In numeric a and b dataframes we've filled in the missing values, using the mean value for the column. Very simplistic aproach that we're going to modify and upgrade for the dataframe numeric_c. Our plan assumed being very thorough in filling in the missing price values in the last dataframe, that's why we've created a corelation dataframe for the 'price' column.
- in both dataframes the column with the highest corelation value with 'price' column is 'engine_size'
- we'll group the dataframe by engine_size - to increase precision we'll group the data into 20 bins
- then we'll calculate average price value for every engine_size bin
- we'll assing the missing price values based on their engine_size
- prediction: the 'engine_size' column will most likely be the best column for predicting the price value
In [8]:
numeric_c = numeric.dropna(subset = [ 'bore', 'stroke', 'horsepower', 'peak_rpm']).copy()

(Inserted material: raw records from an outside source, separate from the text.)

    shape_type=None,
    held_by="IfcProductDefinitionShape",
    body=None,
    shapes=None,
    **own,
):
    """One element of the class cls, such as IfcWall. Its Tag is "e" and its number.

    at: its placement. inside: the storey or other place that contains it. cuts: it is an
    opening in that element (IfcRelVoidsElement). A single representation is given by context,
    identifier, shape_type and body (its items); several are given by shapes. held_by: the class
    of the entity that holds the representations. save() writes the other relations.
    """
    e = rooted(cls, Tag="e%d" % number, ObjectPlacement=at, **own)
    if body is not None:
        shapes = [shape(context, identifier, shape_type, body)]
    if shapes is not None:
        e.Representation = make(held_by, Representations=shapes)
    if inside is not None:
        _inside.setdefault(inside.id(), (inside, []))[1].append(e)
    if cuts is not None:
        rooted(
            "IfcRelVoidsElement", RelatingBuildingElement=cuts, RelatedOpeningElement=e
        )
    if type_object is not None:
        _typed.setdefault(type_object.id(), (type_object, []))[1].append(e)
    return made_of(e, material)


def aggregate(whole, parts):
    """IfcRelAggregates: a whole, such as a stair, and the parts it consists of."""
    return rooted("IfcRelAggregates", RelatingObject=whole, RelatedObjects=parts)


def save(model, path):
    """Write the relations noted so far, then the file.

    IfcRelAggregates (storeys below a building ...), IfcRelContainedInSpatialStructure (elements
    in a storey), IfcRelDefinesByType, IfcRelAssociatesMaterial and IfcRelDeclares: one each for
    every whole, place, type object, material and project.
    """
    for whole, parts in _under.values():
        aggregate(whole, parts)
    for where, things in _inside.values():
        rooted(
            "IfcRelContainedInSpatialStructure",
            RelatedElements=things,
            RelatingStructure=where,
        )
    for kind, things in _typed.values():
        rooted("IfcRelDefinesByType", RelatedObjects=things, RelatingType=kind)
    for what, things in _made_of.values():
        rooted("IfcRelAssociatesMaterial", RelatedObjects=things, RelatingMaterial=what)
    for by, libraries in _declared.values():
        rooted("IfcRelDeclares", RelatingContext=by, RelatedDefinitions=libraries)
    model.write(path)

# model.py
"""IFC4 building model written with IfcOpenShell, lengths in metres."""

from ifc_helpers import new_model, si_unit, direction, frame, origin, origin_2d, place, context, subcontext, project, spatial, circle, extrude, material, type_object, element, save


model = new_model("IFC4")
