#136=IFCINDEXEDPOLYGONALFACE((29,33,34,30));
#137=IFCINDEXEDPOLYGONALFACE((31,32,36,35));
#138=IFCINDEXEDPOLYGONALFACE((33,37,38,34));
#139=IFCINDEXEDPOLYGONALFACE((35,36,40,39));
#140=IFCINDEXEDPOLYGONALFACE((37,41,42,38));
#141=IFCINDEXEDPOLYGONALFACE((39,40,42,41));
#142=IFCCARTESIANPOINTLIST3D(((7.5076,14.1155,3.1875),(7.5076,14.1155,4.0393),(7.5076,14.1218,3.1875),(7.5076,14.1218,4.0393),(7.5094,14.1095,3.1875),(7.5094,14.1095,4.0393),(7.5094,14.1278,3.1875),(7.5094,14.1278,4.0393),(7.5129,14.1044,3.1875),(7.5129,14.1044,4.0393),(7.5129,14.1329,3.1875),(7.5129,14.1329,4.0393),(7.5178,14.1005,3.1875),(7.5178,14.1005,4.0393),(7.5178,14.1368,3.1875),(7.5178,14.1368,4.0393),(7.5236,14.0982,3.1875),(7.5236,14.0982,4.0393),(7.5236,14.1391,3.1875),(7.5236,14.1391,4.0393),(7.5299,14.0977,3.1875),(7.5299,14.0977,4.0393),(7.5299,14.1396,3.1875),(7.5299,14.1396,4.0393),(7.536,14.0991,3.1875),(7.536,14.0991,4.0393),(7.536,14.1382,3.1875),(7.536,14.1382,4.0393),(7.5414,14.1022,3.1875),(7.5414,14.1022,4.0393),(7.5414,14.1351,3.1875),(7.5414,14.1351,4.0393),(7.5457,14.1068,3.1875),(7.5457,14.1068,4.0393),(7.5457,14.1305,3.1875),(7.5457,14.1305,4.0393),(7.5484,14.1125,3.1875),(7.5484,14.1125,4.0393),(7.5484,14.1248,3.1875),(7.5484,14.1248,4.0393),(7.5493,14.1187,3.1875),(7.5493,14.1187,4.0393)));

numeric_c[numeric_c['price'].isnull()]
Out[8]:
| symboling | normalized_losses | wheel_base | length | width | height | curb_weight | engine_size | bore | stroke | compression_rate | horsepower | peak_rpm | city_mpg | highway_mpg | price | |
|---|---|---|---|---|---|---|---|---|---|---|---|---|---|---|---|---|
| 9 | 0 | NaN | 99.5 | 178.2 | 67.9 | 52.0 | 3053 | 131 | 3.13 | 3.40 | 7.0 | 160.0 | 5500.0 | 16 | 22 | NaN |
| 44 | 1 | NaN | 94.5 | 155.9 | 63.6 | 52.0 | 1874 | 90 | 3.03 | 3.11 | 9.6 | 70.0 | 5400.0 | 38 | 43 | NaN |
| 45 | 0 | NaN | 94.5 | 155.9 | 63.6 | 52.0 | 1909 | 90 | 3.03 | 3.11 | 9.6 | 70.0 | 5400.0 | 38 | 43 | NaN |
| 129 | 1 | NaN | 98.4 | 175.7 | 72.3 | 50.5 | 3366 | 203 | 3.94 | 3.11 | 10.0 | 288.0 | 5750.0 | 17 | 28 | NaN |
In [9]:
bins = numeric_c['engine_size'].value_counts(bins=20).index
numeric_c.groupby(pd.cut(numeric_c.engine_size, bins=bins))['price'].mean()
Out[9]:
engine_size (87.5, 100.75] 7265.948276 (100.75, 114.0] 9754.628571 (114.0, 127.25] 11619.034483 (140.5, 153.75] 15516.047619 (127.25, 140.5] 17510.142857 (180.25, 193.5] 21027.000000 (153.75, 167.0] 16678.333333 (193.5, 206.75] 34528.000000 (167.0, 180.25] 17432.750000 (206.75, 220.0] 36318.333333 (233.25, 246.5] 34620.000000 (299.5, 312.75] 43180.000000 (246.5, 259.75] 33900.000000 (60.734, 74.25] 5151.000000 (74.25, 87.5] 5399.000000 (312.75, 326.0] 36000.000000 (220.0, 233.25] NaN (259.75, 273.0] NaN (273.0, 286.25] NaN (286.25, 299.5] NaN Name: price, dtype: float64
In [10]:
numeric_c[numeric_c['price'].isnull()]
Out[10]:
| symboling | normalized_losses | wheel_base | length | width | height | curb_weight | engine_size | bore | stroke | compression_rate | horsepower | peak_rpm | city_mpg | highway_mpg | price | |
|---|---|---|---|---|---|---|---|---|---|---|---|---|---|---|---|---|
| 9 | 0 | NaN | 99.5 | 178.2 | 67.9 | 52.0 | 3053 | 131 | 3.13 | 3.40 | 7.0 | 160.0 | 5500.0 | 16 | 22 | NaN |
| 44 | 1 | NaN | 94.5 | 155.9 | 63.6 | 52.0 | 1874 | 90 | 3.03 | 3.11 | 9.6 | 70.0 | 5400.0 | 38 | 43 | NaN |
| 45 | 0 | NaN | 94.5 | 155.9 | 63.6 | 52.0 | 1909 | 90 | 3.03 | 3.11 | 9.6 | 70.0 | 5400.0 | 38 | 43 | NaN |
| 129 | 1 | NaN | 98.4 | 175.7 | 72.3 | 50.5 | 3366 | 203 | 3.94 | 3.11 | 10.0 | 288.0 | 5750.0 | 17 | 28 | NaN |
In [11]:
numeric_c.loc[9,'price'] = 16520.750000
numeric_c.loc[44,'price'] = 7265.948276
numeric_c.loc[45,'price'] = 7265.948276
numeric_c.loc[129,'price'] = 34528.000000
In [12]:
numeric_c[numeric_c.columns[numeric_c.isna().any()]].isna().sum()
Out[12]:
normalized_losses 39 dtype: int64
In [13]:
numeric_c = numeric_c.fillna(numeric_c.mean())
normalizing datasets:¶
Now that we have 3 different datasets, lets create normalized versions of them. We'll add "_n" at the end of their names to for 'normalized'
In [14]:
price_col = numeric_a['price']
numeric_a_n = (numeric_a - numeric_a.min())/(numeric_a.max() - numeric_a.min()).copy()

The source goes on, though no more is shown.